V2A – das sind zwei expressive Musiker, die sich selbst als 316 (Mechanized) und 304 (Drone) bezeichnen. V2A sind anders, speziell, außergewöhnlich; fernab der Norm bewegt sich das EBM/Industrial Soundkonstrukt in einem nahezu surrealen, destruktiven und postapokalyptischen Klangszen- ario. Irgendwie brachial, treibend und unwiderruflich nach vorne preschend, aber gleichermaßen atmosphärisch und rhythmisch. (Quelle: Pressetext) Nach fünf veröffentlichten Alben und ihren bisherigen Tourneen als Support für Szene-Bands wie u.a. Combichrist, Suicide Commando, Nachtmahr oder aber Stoneman holt die Band nun zum nächsten Schlag aus und präsentiert am 19. Oktober 2018 ihr brandneues Werk namens „Gravity Killer“ via Out O Space Records.

Los geht die Reise des sechsten Albums des deutsch-britischen Projekts mit dem Intro „Fire and Blood“. Maschinengeräusche begleitet von Spoken Words wirken abgeklärt und cool bis in die letzte Flügelschraube der virtuellen Spacemaschine, die am Anfang zu hören ist. „V2A“ spielt mit den Irritationen, die sich beim Hören ausbreiten.

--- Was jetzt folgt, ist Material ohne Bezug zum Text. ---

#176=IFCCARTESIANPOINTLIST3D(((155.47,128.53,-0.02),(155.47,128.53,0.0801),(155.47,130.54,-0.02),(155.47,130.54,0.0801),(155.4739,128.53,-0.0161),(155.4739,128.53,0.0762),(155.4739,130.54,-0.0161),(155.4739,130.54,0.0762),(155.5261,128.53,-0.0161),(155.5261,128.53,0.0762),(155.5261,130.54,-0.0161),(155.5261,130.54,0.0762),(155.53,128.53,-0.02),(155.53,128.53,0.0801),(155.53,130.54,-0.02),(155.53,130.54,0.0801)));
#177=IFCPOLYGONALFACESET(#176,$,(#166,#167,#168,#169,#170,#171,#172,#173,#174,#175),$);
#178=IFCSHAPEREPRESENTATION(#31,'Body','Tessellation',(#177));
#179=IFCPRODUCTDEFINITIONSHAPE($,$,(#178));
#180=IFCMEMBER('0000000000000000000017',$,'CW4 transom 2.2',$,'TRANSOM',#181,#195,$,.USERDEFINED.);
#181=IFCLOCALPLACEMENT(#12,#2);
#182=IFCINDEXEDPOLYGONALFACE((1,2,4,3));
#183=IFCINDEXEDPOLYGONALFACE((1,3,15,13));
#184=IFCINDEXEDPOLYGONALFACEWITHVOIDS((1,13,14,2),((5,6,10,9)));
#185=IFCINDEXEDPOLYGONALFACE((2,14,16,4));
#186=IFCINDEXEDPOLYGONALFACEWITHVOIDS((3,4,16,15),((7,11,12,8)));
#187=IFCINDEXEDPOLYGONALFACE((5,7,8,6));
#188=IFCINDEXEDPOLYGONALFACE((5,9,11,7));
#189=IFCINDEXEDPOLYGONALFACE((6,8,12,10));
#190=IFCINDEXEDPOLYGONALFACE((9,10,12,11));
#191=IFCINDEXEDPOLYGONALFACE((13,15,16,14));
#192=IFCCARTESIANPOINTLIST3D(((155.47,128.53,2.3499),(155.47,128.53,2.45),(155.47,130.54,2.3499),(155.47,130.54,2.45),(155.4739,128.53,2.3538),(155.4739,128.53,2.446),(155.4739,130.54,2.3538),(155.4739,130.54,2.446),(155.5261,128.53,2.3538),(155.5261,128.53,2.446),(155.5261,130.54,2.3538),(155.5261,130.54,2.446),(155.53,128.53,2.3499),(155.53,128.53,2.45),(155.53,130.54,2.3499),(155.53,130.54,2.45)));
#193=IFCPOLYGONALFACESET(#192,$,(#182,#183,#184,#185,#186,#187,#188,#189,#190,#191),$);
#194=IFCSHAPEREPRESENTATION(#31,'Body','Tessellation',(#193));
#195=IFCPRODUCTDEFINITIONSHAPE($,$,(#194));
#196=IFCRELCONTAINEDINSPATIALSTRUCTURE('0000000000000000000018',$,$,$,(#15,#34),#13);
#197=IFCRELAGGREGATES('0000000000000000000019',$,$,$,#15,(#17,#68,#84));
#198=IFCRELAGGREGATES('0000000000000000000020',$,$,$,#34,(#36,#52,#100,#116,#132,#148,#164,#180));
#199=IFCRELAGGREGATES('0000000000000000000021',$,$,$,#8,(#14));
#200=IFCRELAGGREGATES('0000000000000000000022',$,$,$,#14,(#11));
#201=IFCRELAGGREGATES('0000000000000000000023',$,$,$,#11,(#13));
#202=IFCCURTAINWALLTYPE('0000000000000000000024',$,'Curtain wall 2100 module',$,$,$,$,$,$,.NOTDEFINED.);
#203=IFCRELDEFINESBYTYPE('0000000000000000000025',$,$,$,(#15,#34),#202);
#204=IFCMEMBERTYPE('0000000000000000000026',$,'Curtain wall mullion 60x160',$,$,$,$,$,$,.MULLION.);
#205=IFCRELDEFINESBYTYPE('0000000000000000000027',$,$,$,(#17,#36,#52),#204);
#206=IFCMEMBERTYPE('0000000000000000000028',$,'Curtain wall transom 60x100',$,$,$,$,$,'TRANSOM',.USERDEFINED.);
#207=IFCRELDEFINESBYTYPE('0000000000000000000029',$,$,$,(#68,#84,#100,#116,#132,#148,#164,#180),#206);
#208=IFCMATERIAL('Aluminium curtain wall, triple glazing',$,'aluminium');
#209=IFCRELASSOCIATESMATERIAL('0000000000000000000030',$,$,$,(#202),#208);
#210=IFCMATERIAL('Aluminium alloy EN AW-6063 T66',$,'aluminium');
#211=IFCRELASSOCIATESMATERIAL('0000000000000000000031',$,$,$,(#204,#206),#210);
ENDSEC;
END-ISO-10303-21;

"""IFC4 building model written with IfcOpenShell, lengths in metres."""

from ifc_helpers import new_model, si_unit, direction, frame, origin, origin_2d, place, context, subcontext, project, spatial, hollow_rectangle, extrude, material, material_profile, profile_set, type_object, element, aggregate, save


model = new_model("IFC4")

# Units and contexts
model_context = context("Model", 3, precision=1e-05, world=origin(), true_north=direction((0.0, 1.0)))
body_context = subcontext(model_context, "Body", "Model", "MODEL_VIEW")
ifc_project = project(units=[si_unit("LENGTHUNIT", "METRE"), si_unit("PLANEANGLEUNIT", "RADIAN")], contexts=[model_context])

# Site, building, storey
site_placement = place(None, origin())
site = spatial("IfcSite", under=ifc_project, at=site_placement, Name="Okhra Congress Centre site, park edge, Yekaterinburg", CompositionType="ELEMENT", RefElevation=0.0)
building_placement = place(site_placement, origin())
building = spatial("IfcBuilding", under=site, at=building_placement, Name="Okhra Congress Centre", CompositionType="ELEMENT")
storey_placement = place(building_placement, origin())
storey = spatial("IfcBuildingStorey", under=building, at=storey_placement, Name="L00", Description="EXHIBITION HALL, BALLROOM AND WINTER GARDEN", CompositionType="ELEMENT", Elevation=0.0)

Es ist nicht zu greifen, weil das Intro wie ein Ausschnitt eines größeren Ganzen wirkt. „F-Society“ begeistert anfangs mit den guten alten Breakbeats. Thematisch schließt sich dieser Titel dem Intro an und führt es aggressiv und bissig in ein Industrial Thema weiter zugunsten eines geradeaus laufenden Taktes. Noch schneller wird das recht melodiöse „Gravity Killer“. Das hat schon beinahe Synthiepopflair. Das ganze Gegenteil ist „Master Blaster“ hingegen ist böse und aggressiv und ganze Horden von dunklen Gestalten scheinen einem „Master-Blaster“ ins Ohr zu schreien. Dazu gibt es einen martialischen Turbo EBM Beat. Nun kommt mit „Toxic“ ein großartiger Titel, der spannend mit dem Tempo spielt und den einen Ton wie einen hüpfenden Ping-Pong-Ball erst langsam und dann immer schneller werden lässt. Nicht weniger TOP ist „One-Man-Riot“. Das ist EBM-Industrial mit bissiger Power aus dem Underground „Fuck you, I’m a one man riot“. Wie kompromisslos V2A sind, wird mit folgenden Worten „I don’t care what you think of me your life is far too plain who wants to be normal you all look the fucking same!“ gleich zu Beginn von „Freak Show“ deutlich. Trotz der klaren Message, wird hier mit einem urtypischen Technothema einem ein wissendes Lächeln ins Gesicht zaubert. Sehr eingängig! Diese leichte Brise weht nicht lange, sondern entfesselt mit „Asylum“ einen Sturm. Dieser bringt eine Metal-Note mit und der Takt ist durchaus Headbanger tauglich. Ein weiterer Kracher ist das technoide „Hail Hydra (Valkyrie Mix 2018)“. In diesem Titel wird das Meme „Hail Hydra“ aus der Welt der Marvel Comics aufs Korn genommen. Der letzte Titel des Albums „Divided by Dreams“ schöpft wieder aus dem Vollen des Synthiepops, aber diesmal so richtig. Dieser Song hebt sich ungewöhnlich optimistisch von allen anderen ab.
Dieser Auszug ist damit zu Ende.